In a May 8 call with financial analysts to discuss first-quarter earnings, the company revealed that it has lost market share for value customers, despite early success from its new Right Price, Right Size menu. As marketing of the menu yielded to fish promotion and other messages, value sales softened.
“As the consumer environment evolves, we are refining our promotional calendar to optimize sales, check and transaction growth with modestly more emphasis on price value to go along with our premium promotions,” said Emil Brolick, president and chief executive officer.
Brolick described an “interesting dynamic that we are seeing is that as you look at the consumer environment out there, that we are probably seeing an increasing bifurcation of consumers where you still have consumers that have the capacity to spend on higher-end items.”
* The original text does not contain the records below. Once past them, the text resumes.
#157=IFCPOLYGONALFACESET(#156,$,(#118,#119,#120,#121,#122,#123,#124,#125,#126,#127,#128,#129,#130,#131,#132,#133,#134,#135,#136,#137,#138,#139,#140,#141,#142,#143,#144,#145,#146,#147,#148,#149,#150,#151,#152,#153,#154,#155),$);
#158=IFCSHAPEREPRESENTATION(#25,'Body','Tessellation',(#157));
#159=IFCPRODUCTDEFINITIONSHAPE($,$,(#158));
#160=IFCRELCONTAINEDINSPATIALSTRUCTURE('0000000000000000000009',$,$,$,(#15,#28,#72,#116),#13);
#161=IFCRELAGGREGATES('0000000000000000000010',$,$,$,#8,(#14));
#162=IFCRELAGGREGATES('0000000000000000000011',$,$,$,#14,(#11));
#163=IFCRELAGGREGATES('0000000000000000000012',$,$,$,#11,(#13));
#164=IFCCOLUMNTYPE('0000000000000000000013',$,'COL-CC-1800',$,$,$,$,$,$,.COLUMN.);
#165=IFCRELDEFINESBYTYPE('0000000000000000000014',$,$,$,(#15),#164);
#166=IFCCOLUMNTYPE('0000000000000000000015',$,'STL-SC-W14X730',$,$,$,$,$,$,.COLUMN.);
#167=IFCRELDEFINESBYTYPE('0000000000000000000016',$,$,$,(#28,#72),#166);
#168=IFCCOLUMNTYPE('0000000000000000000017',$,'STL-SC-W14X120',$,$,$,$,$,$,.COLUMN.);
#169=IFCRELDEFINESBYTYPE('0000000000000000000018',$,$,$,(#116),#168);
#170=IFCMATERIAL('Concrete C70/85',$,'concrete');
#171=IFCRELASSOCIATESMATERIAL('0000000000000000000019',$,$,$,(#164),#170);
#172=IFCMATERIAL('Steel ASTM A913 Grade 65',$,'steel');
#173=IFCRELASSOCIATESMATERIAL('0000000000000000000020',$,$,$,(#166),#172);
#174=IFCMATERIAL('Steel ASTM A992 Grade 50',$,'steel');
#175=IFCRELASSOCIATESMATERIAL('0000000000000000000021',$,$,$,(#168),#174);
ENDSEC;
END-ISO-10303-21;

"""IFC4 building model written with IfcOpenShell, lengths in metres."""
In competing with the quickly growing fast-casual segment, Wendy’s has launched more premium products – and such efforts are paying off. The April introduction of Flatbread Grilled Chicken sandwiches led to the company’s highest level of large chicken sandwich unit sales in nine years.
Meanwhile, value shoppers, who represent 20% of overall business in the industry, according to the company, may have forgotten about Wendy’s 99-cent offerings.
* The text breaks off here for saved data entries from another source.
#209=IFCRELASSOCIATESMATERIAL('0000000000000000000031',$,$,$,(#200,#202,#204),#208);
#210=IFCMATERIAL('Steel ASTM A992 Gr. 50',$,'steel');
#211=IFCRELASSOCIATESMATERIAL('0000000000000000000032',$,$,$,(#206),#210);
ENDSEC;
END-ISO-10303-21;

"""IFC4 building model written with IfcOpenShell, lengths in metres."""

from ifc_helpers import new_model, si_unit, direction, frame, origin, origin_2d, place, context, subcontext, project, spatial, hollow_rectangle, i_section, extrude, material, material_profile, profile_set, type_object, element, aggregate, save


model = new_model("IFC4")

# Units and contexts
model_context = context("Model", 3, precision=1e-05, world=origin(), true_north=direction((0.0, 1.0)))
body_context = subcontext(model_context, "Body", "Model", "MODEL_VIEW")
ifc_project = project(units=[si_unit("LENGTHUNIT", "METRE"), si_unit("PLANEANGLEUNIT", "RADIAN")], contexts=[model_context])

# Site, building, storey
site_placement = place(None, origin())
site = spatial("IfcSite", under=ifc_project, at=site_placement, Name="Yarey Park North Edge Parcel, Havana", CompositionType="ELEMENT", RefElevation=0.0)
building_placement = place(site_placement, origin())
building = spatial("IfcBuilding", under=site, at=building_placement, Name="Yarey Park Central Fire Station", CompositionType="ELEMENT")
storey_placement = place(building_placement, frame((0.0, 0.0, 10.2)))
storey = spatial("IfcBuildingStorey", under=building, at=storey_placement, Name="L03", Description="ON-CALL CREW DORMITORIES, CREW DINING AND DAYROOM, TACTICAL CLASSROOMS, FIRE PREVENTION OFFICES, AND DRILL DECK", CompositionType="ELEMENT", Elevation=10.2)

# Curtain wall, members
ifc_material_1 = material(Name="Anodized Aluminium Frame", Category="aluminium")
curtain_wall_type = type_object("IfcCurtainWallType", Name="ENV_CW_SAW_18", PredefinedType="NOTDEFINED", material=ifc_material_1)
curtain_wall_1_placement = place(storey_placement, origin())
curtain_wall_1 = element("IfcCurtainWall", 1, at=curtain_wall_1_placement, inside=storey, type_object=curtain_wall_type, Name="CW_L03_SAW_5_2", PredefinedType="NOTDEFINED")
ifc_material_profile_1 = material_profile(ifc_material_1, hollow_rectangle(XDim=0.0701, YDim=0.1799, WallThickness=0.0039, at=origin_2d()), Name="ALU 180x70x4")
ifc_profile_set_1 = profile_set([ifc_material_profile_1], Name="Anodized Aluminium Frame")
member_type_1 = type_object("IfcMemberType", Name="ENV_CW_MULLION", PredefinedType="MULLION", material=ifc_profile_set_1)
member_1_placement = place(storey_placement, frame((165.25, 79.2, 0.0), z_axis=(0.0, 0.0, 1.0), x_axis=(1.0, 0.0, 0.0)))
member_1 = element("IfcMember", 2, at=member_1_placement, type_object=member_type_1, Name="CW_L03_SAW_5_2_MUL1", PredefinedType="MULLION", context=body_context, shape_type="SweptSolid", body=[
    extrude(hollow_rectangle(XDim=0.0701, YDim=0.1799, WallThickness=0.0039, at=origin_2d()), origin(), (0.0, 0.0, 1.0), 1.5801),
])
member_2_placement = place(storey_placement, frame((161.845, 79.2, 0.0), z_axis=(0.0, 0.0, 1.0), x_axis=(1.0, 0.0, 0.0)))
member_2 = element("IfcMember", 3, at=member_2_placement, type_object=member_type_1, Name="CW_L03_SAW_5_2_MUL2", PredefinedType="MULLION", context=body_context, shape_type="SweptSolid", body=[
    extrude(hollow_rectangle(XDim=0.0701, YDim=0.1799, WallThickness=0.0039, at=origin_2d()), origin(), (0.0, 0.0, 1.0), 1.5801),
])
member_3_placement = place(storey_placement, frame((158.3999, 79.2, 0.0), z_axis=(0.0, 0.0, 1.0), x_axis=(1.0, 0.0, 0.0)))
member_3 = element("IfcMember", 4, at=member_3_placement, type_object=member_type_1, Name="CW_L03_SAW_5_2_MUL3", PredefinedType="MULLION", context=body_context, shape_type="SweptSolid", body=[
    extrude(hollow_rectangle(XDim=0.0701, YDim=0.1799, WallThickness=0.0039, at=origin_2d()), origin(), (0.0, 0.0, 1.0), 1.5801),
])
“It is almost like for some of the price value shoppers, it is ‘out of sight, out of mind,’” Brolick said.
Such customers, he added, must be reminded on an ongoing basis about a value offer.
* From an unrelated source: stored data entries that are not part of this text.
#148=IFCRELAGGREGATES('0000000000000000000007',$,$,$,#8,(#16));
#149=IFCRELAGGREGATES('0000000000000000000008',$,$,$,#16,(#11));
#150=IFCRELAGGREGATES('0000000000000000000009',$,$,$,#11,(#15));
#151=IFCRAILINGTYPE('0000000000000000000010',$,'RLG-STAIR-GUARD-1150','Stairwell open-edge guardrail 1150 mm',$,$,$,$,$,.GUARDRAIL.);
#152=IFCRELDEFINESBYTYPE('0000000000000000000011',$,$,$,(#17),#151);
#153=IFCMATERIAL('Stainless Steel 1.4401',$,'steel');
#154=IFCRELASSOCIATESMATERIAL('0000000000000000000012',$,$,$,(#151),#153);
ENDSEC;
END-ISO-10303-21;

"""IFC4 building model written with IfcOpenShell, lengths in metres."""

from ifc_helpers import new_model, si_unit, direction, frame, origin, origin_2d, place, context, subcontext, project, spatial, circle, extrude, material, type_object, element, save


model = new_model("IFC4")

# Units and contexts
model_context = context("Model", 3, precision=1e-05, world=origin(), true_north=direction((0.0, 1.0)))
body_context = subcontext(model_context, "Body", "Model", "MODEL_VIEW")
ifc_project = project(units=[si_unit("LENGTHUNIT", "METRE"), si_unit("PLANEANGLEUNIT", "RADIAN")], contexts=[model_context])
“It is apparent to us that, to this core group of 99c price shoppers, they are heavy users often of quick-serve restaurants, and you need to continually remind them that you have products available for them every day just because their economic situation necessitates that price point,” Brolick said.
New marketing plans include more emphasis on the 99c price point of the Right Price, Right Size menu, which also includes $1.19 and $1.99 items, while continuing to execute what Brolick called “the power of ‘the and.’”
“It is not stepping away by any means from the high end because you will see that we have some outstanding product coming into the pipeline,” he said. “But we feel we also have ongoing pressure against the price value end.”
In addition to tweaking its advertising strategy, Wendy’s recently has sought cost management opportunities, which include an agreement with suppliers to reduce beverage costs and a decision to boot breakfast from restaurants with unprofitable morning day-parts.
“While this decision will negatively impact our 2013 same-store sales result, as was anticipated, it will aid our earnings performance as we benefit from reduction in breakfast advertising expense, as well as the elimination of unprofitable morning daypart operations in these restaurants,” Brolick said.
He added that positive results from the restaurant reimage initiative are offsetting lost sales from discontinued breakfast.
“We know we can’t outspend the competition, so we must outthink and out-execute them,” Brolick said. “Instead of trying to beat them at the same game, we must play an entirely different game.”